Detecting deception by manipulating cognitive load

The latest edition of Trends in Cognitive Sciences carries a short article from European deception researcher Aldert Vrij and his colleagues, in which they suggest manipulating the cognitive load for a liar as a means to detect deceit [1].

Most methods for detecting deception are predicated on the theory that lying is associated with emotional arousal: for instance, fear, guilt, nervousness about consequences or excitement at getting away with a lie (the phenomenon Paul Ekman describes as ‘duping delight’). Machines are designed, or humans taught, to detect signs of emotional arousal to help judge whether the subject’s response may be deceitful. It’s how the polygraph works, and is also the basis of the theory that teaching lie-catchers to spot nonverbal behaviours can help in detecting deceit (although no reputable researcher or trainer will claim that a particular nonverbal cue is in itself a sign of deception).

Detecting changes in the level of emotional arousal when a suspected liar answers particular questions can be an effective method of detecting deceit, but only when combined with a hypothesis testing approach: an individual may show changes in emotional arousal for many different reasons, only one of which is because they are lying. And indeed, if a liar does not feel emotionally aroused by lying (or if their arousal is already extremely high, generating too much ‘noise’ to spot any signals) then this approach is not particularly effective.

In their TiCS article, Ron Fisher, Vrij and and Vrij’s colleagues Samantha Mann and Sharon Leal propose another approach. Previous research has suggested that, regardless of their level of emotional arousal, liars may also find lying cognitively demanding [2]. Making up, and sustaining a lie, can often be very difficult, particularly if the liar was not expecting a particular line of questioning and/or had not prepared their lie. Previous work [3] by Vrij suggested that telling lie-catchers to ask themselves whether or not a suspected liar was ‘thinking hard’ (rather than asking ‘are they lying?’) led to a better hit rate in catching liars.

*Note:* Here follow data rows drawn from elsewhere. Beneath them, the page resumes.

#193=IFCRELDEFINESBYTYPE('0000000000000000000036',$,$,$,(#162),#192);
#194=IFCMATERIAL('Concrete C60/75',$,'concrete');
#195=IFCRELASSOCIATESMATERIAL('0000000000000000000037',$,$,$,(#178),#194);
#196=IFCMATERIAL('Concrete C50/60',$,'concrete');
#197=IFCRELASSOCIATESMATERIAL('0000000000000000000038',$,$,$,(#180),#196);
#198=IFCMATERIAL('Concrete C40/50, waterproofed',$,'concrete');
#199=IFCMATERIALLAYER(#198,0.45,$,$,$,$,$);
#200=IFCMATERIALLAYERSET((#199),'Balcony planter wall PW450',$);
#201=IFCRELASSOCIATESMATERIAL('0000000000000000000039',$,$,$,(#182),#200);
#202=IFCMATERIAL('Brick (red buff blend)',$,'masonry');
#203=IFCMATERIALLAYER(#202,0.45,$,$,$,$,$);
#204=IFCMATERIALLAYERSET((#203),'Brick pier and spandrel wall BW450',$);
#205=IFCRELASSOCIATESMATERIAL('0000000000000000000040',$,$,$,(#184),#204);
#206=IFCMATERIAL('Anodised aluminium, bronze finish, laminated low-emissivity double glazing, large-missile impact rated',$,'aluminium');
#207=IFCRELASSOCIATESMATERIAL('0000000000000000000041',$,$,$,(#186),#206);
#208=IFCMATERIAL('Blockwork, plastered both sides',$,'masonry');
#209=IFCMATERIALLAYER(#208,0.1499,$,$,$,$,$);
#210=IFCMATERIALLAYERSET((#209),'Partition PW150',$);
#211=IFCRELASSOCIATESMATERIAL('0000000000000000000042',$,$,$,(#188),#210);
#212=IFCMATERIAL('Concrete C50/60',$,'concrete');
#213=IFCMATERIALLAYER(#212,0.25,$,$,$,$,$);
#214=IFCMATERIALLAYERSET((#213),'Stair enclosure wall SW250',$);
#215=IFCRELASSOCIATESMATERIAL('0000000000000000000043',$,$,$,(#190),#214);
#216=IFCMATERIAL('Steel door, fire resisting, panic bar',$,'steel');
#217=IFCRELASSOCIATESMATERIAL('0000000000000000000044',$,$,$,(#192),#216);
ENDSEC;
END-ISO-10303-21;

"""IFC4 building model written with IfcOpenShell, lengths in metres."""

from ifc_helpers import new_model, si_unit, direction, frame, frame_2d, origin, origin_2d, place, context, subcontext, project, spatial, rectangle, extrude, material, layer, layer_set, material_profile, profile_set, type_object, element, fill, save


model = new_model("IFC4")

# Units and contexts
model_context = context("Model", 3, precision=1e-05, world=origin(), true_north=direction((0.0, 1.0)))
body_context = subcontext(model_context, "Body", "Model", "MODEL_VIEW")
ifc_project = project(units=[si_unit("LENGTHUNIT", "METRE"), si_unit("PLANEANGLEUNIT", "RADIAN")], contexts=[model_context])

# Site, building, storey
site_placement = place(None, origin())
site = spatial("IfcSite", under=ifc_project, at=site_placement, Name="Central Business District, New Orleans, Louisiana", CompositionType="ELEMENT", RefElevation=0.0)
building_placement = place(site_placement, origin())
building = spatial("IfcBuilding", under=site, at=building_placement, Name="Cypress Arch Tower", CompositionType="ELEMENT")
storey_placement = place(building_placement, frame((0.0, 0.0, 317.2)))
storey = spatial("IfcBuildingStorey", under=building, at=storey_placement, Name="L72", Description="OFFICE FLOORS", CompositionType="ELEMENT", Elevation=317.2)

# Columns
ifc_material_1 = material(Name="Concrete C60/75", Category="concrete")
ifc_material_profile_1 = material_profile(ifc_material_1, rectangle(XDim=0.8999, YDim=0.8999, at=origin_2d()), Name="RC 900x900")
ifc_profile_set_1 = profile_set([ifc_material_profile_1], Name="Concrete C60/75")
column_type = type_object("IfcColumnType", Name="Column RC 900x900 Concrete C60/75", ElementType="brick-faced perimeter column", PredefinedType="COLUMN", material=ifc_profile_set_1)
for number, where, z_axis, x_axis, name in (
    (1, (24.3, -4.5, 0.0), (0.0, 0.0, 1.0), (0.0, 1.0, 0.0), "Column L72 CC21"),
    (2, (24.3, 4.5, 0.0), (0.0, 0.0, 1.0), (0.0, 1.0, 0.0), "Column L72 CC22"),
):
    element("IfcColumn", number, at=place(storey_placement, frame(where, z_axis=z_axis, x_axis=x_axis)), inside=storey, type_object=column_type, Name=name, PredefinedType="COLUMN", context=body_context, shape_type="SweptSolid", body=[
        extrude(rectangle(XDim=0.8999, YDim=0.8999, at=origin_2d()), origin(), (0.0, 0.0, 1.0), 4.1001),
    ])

Based on this research, the current authors suggest that rather than attempting to detect emotional arousal in response to particular questions, lie-catchers should instead use a questioning strategy that raises cognitive load for the suspected liar. Their suggestion – and their current line of research – is that as well as instructing lie-catchers to ask themselves “is s/he thinking hard”,

Lie detection could be enhanced further by using interview techniques strategically to increase interviewees’ cognitive demand; for example, by requiring interviewees to perform a concurrent secondary task (‘time-sharing’) while being interviewed. Liars, whose cognitive resources will already be partially depleted by the act of lying, should find this additional, concurrent task particularly debilitating.

At the moment, of course, this is still just a theory. And, as with the ‘emotional arousal’ approach, practitioners attempting to detect deceit by spotting signs of cognitive load would still need to use a hypothesis-testing approach – just as with emotional arousal, there are many reasons why an interviewee might have to think hard about their answer.

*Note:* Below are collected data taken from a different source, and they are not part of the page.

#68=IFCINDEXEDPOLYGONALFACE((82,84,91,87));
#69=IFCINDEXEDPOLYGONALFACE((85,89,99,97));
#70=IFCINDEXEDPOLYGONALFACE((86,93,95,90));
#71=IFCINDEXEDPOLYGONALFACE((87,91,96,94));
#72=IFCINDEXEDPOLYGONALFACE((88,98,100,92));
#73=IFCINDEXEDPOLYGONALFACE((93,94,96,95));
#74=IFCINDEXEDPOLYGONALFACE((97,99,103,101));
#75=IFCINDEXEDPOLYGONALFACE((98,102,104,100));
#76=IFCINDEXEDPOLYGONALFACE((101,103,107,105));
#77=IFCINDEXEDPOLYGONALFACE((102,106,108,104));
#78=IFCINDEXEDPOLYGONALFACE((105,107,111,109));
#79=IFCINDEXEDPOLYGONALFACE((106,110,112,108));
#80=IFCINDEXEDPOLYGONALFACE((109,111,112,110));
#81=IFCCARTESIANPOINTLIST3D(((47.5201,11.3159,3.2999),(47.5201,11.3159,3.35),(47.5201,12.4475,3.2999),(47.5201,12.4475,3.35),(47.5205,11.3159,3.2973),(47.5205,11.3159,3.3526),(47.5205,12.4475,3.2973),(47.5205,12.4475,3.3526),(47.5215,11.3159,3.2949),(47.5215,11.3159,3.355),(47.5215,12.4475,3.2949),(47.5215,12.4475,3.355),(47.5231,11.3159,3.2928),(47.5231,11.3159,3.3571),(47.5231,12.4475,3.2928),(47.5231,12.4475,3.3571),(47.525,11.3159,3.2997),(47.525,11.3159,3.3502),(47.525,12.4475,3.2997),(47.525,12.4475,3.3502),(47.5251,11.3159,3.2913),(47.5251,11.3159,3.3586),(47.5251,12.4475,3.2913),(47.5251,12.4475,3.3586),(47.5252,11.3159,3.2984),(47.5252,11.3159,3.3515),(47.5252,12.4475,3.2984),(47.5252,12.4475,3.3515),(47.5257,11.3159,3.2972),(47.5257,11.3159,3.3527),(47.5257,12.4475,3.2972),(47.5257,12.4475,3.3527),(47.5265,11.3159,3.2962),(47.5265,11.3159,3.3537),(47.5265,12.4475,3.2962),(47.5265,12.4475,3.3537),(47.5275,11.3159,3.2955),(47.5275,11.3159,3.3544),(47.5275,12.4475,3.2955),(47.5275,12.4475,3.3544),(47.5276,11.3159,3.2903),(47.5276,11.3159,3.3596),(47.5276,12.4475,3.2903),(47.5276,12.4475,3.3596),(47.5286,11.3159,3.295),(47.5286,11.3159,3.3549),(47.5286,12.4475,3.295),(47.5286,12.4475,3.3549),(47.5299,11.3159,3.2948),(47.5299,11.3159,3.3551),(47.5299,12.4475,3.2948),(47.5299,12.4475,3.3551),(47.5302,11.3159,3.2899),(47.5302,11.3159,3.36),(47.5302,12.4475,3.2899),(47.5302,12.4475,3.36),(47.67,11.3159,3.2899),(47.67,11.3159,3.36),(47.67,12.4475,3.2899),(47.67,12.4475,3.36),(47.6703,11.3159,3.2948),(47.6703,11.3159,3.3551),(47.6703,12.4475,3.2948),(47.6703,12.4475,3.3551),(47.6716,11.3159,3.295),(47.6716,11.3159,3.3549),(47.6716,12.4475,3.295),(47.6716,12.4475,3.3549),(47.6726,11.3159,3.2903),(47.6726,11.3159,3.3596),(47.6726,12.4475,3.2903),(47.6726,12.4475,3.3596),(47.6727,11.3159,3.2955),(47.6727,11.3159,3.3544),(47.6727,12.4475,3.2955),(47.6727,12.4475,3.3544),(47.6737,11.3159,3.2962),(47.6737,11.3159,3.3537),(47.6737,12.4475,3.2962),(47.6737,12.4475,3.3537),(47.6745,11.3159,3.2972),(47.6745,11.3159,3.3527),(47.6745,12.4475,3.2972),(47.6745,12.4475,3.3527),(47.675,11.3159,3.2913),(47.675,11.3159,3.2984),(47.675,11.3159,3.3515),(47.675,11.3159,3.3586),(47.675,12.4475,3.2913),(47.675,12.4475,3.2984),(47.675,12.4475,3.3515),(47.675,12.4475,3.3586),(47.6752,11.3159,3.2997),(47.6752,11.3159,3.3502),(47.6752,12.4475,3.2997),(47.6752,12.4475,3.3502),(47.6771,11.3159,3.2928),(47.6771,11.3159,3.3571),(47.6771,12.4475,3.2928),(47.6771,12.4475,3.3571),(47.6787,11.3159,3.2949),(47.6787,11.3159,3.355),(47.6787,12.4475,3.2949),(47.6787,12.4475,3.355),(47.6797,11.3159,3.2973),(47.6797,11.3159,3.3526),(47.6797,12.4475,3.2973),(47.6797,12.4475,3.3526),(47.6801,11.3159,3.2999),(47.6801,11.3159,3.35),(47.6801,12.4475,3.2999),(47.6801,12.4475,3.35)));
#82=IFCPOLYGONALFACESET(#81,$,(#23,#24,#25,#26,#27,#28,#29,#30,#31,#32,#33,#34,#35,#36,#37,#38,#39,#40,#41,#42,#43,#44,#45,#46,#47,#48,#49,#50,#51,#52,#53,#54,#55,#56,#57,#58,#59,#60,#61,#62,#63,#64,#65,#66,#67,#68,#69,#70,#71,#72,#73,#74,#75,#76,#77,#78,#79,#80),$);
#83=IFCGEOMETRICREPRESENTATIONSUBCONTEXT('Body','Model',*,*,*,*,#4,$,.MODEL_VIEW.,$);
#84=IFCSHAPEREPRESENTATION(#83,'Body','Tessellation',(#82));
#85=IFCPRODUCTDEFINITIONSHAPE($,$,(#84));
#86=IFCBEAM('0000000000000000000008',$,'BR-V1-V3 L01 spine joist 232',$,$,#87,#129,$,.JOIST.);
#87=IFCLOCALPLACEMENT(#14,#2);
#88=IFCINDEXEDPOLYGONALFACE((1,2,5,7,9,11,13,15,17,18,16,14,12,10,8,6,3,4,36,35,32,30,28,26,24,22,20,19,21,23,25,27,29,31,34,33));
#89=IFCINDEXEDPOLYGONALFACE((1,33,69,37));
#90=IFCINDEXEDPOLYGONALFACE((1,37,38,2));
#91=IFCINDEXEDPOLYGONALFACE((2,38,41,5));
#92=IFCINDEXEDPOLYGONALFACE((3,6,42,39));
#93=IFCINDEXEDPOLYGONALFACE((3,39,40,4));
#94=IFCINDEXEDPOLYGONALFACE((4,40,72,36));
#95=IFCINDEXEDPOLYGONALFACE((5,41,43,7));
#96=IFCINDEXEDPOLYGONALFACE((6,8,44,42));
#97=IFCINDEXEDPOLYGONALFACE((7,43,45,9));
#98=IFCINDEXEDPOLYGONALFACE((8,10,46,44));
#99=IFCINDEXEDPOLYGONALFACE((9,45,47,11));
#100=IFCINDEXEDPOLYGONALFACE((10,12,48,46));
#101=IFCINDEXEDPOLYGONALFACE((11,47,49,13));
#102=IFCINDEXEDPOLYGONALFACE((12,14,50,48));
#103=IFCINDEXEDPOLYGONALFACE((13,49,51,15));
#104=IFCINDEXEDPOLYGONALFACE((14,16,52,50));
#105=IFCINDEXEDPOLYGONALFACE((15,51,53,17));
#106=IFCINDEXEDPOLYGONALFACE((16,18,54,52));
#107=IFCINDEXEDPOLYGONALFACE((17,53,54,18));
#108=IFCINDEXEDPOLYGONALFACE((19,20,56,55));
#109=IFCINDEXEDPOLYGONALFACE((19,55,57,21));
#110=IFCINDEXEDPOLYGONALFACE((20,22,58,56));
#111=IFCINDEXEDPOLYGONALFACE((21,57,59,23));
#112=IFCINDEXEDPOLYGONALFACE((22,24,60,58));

But I like this line of research. It gets away from the common (and unreliable) “if he’s nervous he must be lying” approach, but, more importantly, Vrij et al’s proposal that researchers should explore different interview protocols gets to the heart of an issue that bugs me a lot: there is no point in teaching lie-catchers to spot changes in behaviours (verbal or non-verbal, signs of arousal or cognitive load) if they ask bad questions in the first place. Yet few researchers test the efficacy of different interview methods. Indeed, there aren’t many recommended interview protocols for detecting deception, and one of the few, the Reid Technique’s Behavioral Analysis Interview, was tested and found to be unreliable in laboratory tests by Vrij and his colleagues [4]. When it comes to training practitioners, it is good interview technique that ultimately exposes liars, not just being able to spot behaviours.

References:

[1] Vrij, A., Fisher, R., Mann, S. and Leal, S. (2006). Detecting deception by manipulating cognitive load. Trends in Cognitive Sciences 10(4): 141-142

[2] Mann, S., Vrij, A. and Bull, R. (2002). Suspects, lies and videotape: an analysis of authentic high-stakes liars. Law and Human Behavior 26,365–376

[3] Vrij, A. (2004). Why professionals fail to catch liars and how they can improve. Legal and Criminological Psychology 9, 159–183

[4] Vrij, A. and Mann, S. An Empirical Test of the Behaviour Analysis Interview. Presented at the 6th International Conference of the Society for Applied Memory and Cognition, Jan 2005. (I believe that this has now been submitted for publication, but can’t track it down at the moment.)

3 thoughts on “Detecting deception by manipulating cognitive load”

  1. The battery of questions (badgering?) done by Israeli airport security officials seems to provide some empirical validation of this approach. I like to call it the “chicken peck” approach – you’ve seen this within any social group when a particular weakness is detected by a member of the group. You and your friends will gang up to fire questions to tease out reaction time and an emotion test (Blade Runner?) of a sketchy friend.